Marc Maron’s WTF podcast had a stuntman on the show who very proudly recently drove the Alpha Romeo in the opening sequence in 6 Underground. So I figured I’d watch the opening sequence just to see the car chase.

Man, this is just a reminder of how much I hate Michael Bay. He has some nicely filmed stunts, and combines it in such a confusing way with weird tonal shifts (don’t run over the puppies!) full of flashbacks and on-screen text and slaps on this absolutely horrible music to tie it all together. It’s just staggering to me that this man continues to be successful and therefore continues to get work. I bet you a half-way decent editor could take these same scenes and make a nice coherent, exciting chase scene out of this mess.

I did go back and kept watching the rest of that opening car chase. I was kind of curious on how they would end it.

How they ended it is kind of hilarious. The driver dies. And for some reason, the bad guys stop pursuing them I guess? Because suddenly they cut to a boat where they’re going to give the driver a sea burial. So bizarre.

Anyway, I removed the movie from my list and gave it a thumbs down. Giving a thumbs down is so much less satisfying than giving a movie one star.

This was the best thing on Netflix I watched last night; I went in blind, and it was… 3 AM?

A frenetically amusing ensemble revenge thriller.

I like that Michael Bay waits until the end to put his name to the screen.
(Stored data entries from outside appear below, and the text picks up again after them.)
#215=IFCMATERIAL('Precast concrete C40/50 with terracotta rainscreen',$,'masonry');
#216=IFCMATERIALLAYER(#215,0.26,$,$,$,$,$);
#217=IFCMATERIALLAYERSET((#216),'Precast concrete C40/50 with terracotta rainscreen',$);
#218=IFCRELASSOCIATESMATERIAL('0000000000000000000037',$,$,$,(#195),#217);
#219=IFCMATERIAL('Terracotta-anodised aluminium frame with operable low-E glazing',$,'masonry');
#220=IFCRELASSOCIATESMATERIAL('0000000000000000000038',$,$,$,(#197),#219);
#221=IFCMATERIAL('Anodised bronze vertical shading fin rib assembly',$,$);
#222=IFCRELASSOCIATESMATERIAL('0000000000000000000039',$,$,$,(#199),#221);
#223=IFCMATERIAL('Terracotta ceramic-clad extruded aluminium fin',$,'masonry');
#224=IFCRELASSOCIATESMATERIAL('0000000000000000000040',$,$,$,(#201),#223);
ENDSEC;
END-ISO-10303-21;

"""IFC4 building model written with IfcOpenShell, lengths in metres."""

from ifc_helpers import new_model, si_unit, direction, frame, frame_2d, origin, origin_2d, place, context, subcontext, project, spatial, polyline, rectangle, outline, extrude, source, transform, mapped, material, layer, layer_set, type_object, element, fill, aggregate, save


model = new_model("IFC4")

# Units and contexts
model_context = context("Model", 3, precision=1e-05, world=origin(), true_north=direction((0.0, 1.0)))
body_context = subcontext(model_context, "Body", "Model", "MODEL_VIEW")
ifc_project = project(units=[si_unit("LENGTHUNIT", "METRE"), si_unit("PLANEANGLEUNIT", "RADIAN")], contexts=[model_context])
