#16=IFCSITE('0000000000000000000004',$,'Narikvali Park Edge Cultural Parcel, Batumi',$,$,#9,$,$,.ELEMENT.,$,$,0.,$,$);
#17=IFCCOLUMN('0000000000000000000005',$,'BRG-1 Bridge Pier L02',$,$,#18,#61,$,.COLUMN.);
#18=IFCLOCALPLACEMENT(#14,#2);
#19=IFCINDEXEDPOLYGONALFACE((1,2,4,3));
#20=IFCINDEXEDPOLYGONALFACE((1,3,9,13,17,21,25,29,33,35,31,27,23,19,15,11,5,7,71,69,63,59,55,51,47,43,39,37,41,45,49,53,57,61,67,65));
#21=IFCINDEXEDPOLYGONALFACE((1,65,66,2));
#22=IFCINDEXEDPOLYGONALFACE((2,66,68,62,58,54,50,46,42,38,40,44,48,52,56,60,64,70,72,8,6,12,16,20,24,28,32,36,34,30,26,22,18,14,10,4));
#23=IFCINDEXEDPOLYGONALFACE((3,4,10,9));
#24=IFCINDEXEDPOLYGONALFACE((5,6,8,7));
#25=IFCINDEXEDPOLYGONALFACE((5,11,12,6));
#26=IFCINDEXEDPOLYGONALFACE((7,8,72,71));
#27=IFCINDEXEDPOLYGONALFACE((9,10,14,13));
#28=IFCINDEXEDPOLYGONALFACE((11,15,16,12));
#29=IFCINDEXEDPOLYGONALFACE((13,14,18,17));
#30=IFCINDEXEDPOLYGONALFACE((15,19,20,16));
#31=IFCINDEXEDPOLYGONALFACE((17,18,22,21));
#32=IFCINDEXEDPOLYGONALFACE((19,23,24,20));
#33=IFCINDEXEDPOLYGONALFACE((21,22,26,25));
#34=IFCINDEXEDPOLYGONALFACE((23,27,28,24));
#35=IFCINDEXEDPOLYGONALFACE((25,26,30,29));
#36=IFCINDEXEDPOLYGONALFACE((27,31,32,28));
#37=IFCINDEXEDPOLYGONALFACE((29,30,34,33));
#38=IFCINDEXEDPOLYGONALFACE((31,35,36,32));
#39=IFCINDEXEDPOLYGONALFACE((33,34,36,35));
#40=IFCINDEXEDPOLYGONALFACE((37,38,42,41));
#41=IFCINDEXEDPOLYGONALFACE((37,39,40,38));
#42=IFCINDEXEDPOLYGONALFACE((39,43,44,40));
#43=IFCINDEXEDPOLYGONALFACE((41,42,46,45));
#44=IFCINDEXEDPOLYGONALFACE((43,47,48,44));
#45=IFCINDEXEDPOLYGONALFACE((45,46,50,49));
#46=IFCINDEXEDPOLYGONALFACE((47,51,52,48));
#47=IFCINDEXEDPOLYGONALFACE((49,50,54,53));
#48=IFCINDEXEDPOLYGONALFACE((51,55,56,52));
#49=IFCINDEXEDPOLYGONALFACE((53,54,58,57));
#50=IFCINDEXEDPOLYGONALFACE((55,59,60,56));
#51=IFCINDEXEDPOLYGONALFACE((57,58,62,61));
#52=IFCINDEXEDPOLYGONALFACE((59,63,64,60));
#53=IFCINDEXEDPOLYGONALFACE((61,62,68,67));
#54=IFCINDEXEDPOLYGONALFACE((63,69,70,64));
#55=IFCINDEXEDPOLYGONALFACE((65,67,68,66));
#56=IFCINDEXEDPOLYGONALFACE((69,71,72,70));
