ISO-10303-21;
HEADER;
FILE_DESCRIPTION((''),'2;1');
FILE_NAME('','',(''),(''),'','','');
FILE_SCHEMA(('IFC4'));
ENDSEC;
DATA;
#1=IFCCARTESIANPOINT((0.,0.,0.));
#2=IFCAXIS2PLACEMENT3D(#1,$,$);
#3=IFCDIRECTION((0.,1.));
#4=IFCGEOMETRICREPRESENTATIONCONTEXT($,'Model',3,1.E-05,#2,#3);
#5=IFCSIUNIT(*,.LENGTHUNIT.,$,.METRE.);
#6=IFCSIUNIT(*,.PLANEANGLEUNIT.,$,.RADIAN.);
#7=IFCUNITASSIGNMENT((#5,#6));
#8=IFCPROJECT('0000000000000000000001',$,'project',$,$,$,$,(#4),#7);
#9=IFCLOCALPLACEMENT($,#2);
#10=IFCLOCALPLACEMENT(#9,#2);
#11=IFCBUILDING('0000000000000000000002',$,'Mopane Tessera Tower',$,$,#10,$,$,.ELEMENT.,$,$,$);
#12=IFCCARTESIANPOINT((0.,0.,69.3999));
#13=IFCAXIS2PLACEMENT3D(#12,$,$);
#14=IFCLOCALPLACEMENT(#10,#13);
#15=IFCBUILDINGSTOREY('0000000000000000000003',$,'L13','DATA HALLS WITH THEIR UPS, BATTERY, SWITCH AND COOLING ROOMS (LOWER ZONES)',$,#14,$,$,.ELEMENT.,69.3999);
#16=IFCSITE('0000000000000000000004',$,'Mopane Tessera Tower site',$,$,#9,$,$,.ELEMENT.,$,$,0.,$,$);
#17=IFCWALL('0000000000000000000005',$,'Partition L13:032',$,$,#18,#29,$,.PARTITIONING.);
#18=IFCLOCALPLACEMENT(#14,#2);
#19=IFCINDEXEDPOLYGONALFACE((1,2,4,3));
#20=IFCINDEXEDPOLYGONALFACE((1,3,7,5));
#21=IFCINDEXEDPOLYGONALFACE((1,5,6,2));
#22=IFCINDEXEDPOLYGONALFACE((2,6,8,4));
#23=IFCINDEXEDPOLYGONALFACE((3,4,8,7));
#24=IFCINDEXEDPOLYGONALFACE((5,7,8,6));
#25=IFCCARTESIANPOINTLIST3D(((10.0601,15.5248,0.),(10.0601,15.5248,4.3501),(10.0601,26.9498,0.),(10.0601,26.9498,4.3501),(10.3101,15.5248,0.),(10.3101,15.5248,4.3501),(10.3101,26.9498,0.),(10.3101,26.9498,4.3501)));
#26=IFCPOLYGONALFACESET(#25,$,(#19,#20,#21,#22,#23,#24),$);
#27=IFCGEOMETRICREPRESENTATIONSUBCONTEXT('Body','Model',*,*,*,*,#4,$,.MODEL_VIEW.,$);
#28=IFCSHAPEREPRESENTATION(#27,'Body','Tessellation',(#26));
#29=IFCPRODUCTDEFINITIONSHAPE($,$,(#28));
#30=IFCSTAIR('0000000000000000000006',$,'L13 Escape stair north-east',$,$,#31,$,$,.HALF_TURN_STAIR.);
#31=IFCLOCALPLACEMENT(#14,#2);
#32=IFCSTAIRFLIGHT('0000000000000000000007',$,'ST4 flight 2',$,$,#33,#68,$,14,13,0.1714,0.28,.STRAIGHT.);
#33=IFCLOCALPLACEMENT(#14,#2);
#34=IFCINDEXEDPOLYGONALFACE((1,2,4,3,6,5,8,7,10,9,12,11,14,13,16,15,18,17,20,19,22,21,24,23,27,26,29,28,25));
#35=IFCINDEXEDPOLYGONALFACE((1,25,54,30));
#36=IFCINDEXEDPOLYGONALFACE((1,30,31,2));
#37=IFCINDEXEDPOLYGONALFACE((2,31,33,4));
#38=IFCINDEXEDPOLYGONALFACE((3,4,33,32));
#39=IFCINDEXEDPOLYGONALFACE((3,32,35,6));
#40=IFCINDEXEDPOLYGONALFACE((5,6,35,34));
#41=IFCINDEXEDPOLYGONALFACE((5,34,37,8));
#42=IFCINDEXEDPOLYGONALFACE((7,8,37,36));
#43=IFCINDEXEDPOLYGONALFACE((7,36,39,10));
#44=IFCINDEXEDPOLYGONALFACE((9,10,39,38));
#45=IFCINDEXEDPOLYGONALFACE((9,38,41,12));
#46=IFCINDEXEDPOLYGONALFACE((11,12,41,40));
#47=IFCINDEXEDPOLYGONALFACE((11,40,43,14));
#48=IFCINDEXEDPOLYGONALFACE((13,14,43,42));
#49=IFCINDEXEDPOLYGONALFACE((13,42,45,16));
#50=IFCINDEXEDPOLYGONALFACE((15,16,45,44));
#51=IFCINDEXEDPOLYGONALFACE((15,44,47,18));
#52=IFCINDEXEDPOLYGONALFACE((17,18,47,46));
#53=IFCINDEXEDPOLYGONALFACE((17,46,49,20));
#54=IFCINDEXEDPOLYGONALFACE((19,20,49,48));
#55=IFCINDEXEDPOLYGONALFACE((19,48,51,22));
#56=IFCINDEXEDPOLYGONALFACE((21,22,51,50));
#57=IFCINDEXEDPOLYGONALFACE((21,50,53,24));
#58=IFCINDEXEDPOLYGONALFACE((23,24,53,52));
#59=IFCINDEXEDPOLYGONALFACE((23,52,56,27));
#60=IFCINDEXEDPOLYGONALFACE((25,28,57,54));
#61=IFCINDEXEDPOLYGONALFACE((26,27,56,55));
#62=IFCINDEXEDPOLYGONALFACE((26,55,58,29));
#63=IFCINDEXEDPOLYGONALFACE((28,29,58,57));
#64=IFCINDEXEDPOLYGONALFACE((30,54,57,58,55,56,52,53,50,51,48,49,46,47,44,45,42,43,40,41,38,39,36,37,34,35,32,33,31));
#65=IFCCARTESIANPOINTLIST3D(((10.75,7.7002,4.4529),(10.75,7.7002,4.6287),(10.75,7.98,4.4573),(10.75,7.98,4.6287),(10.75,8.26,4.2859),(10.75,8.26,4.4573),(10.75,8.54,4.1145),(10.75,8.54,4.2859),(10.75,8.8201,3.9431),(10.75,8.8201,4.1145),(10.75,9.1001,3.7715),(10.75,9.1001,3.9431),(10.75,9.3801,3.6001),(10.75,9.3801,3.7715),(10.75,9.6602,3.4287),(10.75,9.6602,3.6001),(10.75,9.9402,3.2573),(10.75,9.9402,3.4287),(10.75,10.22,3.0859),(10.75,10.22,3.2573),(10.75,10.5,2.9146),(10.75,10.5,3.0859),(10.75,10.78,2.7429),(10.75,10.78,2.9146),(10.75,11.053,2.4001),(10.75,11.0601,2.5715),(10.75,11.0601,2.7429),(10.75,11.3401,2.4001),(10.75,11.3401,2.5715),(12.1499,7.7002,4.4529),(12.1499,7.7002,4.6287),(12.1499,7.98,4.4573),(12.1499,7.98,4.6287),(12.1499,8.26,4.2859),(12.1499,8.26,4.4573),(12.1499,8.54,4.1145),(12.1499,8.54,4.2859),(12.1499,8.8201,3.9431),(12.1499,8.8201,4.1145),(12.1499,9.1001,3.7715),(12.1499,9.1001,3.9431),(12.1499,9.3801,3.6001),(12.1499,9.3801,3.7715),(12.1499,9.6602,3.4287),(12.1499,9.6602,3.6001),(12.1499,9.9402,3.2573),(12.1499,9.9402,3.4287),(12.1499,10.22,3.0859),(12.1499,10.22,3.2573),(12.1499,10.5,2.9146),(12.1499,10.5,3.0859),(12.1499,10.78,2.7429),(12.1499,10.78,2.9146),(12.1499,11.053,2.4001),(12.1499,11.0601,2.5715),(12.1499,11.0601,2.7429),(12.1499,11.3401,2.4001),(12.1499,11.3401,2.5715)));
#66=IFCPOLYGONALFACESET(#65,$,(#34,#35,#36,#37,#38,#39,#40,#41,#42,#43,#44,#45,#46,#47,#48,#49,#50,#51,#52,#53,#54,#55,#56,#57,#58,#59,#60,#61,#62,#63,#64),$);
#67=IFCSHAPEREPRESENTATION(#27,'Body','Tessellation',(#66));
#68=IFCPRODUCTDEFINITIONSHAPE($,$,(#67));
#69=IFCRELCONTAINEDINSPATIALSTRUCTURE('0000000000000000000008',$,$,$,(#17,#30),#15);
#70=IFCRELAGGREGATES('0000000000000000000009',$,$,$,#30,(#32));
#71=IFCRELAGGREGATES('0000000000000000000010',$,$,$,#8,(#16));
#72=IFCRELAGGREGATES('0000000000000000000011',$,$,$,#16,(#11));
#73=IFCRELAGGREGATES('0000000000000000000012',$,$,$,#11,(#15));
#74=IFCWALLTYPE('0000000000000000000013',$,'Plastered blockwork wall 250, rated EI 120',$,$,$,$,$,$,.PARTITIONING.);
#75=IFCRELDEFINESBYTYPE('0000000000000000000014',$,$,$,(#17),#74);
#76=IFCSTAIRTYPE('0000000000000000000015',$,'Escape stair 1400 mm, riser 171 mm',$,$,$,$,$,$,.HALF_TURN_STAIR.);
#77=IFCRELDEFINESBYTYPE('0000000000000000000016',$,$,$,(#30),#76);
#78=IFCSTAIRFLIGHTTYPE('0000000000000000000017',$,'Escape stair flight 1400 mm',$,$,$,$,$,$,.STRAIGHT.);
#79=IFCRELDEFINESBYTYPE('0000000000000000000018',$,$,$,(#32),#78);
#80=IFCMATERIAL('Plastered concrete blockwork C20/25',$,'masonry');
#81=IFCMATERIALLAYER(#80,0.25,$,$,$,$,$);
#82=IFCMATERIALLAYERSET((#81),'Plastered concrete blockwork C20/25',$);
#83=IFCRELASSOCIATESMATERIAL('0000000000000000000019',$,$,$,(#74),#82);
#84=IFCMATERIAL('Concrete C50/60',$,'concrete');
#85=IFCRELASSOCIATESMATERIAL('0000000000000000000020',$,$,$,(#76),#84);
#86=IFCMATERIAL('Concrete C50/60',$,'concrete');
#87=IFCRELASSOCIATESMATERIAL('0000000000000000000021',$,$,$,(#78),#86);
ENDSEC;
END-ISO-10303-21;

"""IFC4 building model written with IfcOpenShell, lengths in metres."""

from ifc_helpers import new_model, si_unit, direction, frame, frame_2d, origin, place, context, subcontext, project, spatial, polyline, rectangle, outline, extrude, material, layer, layer_set, type_object, element, aggregate, save


model = new_model("IFC4")

# Units and contexts
model_context = context("Model", 3, precision=1e-05, world=origin(), true_north=direction((0.0, 1.0)))
body_context = subcontext(model_context, "Body", "Model", "MODEL_VIEW")
ifc_project = project(units=[si_unit("LENGTHUNIT", "METRE"), si_unit("PLANEANGLEUNIT", "RADIAN")], contexts=[model_context])

# Site, building, storey
site_placement = place(None, origin())
site = spatial("IfcSite", under=ifc_project, at=site_placement, Name="Mopane Tessera Tower site", CompositionType="ELEMENT", RefElevation=0.0)
building_placement = place(site_placement, origin())
building = spatial("IfcBuilding", under=site, at=building_placement, Name="Mopane Tessera Tower", CompositionType="ELEMENT")
storey_placement = place(building_placement, frame((0.0, 0.0, 69.3999)))
storey = spatial("IfcBuildingStorey", under=building, at=storey_placement, Name="L13", Description="DATA HALLS WITH THEIR UPS, BATTERY, SWITCH AND COOLING ROOMS (LOWER ZONES)", CompositionType="ELEMENT", Elevation=69.3999)

# Shared definitions
ifc_material_1 = material(Name="Plastered concrete blockwork C20/25", Category="masonry")
ifc_layer_1 = layer(ifc_material_1, 0.25)
ifc_layer_set_1 = layer_set([ifc_layer_1], Name="Plastered concrete blockwork C20/25")
wall_type_1 = type_object("IfcWallType", Name="Plastered blockwork wall 250, rated EI 120", PredefinedType="PARTITIONING", material=ifc_layer_set_1)

# Wall
wall_1_placement = place(storey_placement, frame((10.1851, 15.5249, 0.0), z_axis=(0.0, 0.0, 1.0), x_axis=(0.0, 1.0, 0.0)))
element("IfcWall", 1, at=wall_1_placement, inside=storey, type_object=wall_type_1, Name="Partition L13:032", PredefinedType="PARTITIONING", context=body_context, shape_type="SweptSolid", body=[
    extrude(rectangle(XDim=11.425, YDim=0.25, at=frame_2d((5.7124, 0.0))), origin(), (0.0, 0.0, 1.0), 4.3501),
])

# Stair, stair flight
ifc_material_2 = material(Name="Concrete C50/60", Category="concrete")
stair_type = type_object("IfcStairType", Name="Escape stair 1400 mm, riser 171 mm", PredefinedType="HALF_TURN_STAIR", material=ifc_material_2)
stair_placement = place(storey_placement, origin())
stair = element("IfcStair", 2, at=stair_placement, inside=storey, type_object=stair_type, Name="L13 Escape stair north-east", PredefinedType="HALF_TURN_STAIR")
ifc_material_3 = material(Name="Concrete C50/60", Category="concrete")
stair_flight_type = type_object("IfcStairFlightType", Name="Escape stair flight 1400 mm", PredefinedType="STRAIGHT", material=ifc_material_3)
stair_flight_placement = place(storey_placement, frame((11.45, 11.3401, 2.4001), z_axis=(0.0, 0.0, 1.0), x_axis=(0.0, -1.0, 0.0)))
stair_flight = element("IfcStairFlight", 3, at=stair_flight_placement, type_object=stair_flight_type, Name="ST4 flight 2", NumberOfRisers=14, NumberOfTreads=13, PredefinedType="STRAIGHT", RiserHeight=0.1714, TreadLength=0.28, context=body_context, shape_type="SweptSolid", body=[
    extrude(outline(polyline([(0.0, 0.0), (0.0, 0.1714), (0.28, 0.1714), (0.28, 0.3428), (0.5601, 0.3428), (0.5601, 0.5144), (0.8401, 0.5144), (0.8401, 0.6858), (1.1201, 0.6858), (1.1201, 0.8572), (1.3999, 0.8572), (1.3999, 1.0286), (1.6799, 1.0286), (1.6799, 1.2), (1.96, 1.2), (1.96, 1.3713), (2.24, 1.3713), (2.24, 1.543), (2.52, 1.543), (2.52, 1.7144), (2.8, 1.7144), (2.8, 1.8857), (3.0801, 1.8857), (3.0801, 2.0571), (3.3601, 2.0571), (3.3601, 2.2285), (3.6399, 2.2285), (3.6399, 2.3999), (3.6399, 2.0527), (0.2871, 0.0), (0.0, 0.0)])), frame((0.0, 0.7, 0.0), z_axis=(0.0, -1.0, 0.0), x_axis=(1.0, 0.0, 0.0)), (0.0, 0.0, 1.0), 1.3999),
])
aggregate(stair, [stair_flight])

save(model, "model.ifc")
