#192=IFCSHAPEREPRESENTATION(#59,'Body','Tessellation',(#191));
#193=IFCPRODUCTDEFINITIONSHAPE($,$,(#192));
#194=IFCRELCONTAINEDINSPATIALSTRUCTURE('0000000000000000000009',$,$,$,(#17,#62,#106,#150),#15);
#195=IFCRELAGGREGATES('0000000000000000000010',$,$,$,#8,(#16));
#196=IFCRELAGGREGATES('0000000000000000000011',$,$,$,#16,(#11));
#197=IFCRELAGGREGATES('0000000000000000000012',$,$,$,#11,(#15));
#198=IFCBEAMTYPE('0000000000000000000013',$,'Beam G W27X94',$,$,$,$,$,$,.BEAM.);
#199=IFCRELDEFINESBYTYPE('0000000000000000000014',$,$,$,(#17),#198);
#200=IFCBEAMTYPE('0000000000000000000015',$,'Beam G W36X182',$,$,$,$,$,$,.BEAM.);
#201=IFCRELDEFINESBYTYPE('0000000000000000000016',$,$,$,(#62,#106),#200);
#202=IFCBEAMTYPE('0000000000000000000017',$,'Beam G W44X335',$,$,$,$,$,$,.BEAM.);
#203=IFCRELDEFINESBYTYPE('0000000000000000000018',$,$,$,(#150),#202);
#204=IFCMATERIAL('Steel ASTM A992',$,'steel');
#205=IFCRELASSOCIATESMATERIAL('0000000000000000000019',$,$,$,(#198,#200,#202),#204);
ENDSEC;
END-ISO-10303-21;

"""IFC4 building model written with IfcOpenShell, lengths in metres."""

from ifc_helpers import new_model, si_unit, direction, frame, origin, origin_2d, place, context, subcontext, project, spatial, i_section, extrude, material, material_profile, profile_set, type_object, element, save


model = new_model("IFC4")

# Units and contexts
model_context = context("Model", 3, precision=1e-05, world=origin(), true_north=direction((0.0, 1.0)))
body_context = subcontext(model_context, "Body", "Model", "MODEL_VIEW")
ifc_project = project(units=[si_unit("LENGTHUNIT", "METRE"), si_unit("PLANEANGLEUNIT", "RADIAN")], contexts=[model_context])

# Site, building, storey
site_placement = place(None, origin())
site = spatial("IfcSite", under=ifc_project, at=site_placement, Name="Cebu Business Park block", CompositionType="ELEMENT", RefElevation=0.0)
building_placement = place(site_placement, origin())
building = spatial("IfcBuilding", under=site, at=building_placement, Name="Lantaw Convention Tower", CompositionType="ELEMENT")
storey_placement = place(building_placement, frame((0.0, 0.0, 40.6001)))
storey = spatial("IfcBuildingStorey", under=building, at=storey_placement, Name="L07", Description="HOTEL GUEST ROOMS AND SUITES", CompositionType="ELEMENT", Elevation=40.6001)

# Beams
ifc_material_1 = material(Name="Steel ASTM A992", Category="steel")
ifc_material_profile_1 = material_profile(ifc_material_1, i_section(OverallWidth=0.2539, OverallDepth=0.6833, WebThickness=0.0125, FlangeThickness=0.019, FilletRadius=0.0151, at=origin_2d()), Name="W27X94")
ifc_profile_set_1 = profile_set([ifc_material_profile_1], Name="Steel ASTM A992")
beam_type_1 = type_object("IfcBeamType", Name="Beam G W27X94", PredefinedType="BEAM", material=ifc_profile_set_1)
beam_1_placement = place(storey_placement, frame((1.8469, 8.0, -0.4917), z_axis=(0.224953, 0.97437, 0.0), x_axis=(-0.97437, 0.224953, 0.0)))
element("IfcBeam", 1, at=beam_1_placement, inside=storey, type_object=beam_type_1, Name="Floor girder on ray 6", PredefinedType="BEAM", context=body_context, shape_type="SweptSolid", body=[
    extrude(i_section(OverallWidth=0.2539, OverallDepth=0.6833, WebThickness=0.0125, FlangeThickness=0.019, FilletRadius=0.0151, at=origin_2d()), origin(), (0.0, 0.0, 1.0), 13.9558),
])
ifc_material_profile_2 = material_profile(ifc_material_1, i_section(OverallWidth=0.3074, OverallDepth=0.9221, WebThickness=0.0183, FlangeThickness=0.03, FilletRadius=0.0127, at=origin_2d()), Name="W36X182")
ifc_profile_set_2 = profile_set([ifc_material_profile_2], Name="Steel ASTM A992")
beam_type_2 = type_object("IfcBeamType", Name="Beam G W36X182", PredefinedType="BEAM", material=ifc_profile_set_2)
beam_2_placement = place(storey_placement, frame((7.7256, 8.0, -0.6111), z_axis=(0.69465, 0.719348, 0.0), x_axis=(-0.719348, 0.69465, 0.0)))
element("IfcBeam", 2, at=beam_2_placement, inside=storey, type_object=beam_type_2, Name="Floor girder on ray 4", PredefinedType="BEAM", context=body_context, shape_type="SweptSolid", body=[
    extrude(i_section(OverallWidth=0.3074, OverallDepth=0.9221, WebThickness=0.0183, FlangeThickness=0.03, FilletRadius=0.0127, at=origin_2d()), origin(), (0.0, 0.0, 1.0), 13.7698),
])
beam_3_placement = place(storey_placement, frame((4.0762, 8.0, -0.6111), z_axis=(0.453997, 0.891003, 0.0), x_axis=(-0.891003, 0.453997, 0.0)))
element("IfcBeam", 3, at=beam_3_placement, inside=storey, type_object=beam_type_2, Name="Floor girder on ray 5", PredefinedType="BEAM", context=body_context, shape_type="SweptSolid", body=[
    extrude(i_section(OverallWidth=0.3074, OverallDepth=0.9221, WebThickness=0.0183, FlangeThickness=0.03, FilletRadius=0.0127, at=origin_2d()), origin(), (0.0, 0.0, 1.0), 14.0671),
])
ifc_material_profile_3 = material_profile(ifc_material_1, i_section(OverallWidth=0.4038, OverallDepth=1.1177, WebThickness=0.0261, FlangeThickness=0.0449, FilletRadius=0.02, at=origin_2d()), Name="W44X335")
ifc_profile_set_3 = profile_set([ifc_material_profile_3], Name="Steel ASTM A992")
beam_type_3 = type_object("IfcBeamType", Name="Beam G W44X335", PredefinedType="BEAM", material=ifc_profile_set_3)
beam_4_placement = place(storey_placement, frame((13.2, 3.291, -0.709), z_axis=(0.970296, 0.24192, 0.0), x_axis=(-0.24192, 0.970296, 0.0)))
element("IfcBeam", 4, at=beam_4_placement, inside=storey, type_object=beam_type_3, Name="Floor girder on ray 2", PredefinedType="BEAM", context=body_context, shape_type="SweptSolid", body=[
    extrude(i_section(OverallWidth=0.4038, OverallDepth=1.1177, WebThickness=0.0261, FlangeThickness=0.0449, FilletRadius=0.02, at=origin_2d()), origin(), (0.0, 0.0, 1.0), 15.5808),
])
It’s, like ‘oh yeah, this was me, I did a thing’; he probably knows he’s a running joke by now… I’ll let him have his R U not entertained?? moment. Rather than big explosions (although there was one memorable one behind freerunner guy, natch) there are flying teeth, people getting stuck to walls by magnets. It’s nuts.

I wondered if they were going to use the Sneaker Pimps.

I appreciate your stance; I think it dodged most of the bullets. I mean… it makes sense to the plot: without being plugged in to society Ryan’s character needs a way to fund all the shenanigans. It’s the Batman argument. When he “kills” himself, I remember thinking ‘well, his money is pretty much useless, now’.

Perhaps this is just my blind spot.

Like, I feel I have a similar attitude toward “Love, Death, Robots” as you do towards this film; I appreciate LDR’s artistry and technical excellence, but the series just really grates on me: I disagree with its moral message, and it’s very subtle (and I’ve seen every episode). It’s some kind of philosophical uncanny valley, and I could go on and on about it but would get very angry in the process of writing out such a diatribe, and I prefer my peace of mind atm. It’s easier to just say in the end it hits this spot that’s very unpleasant for me.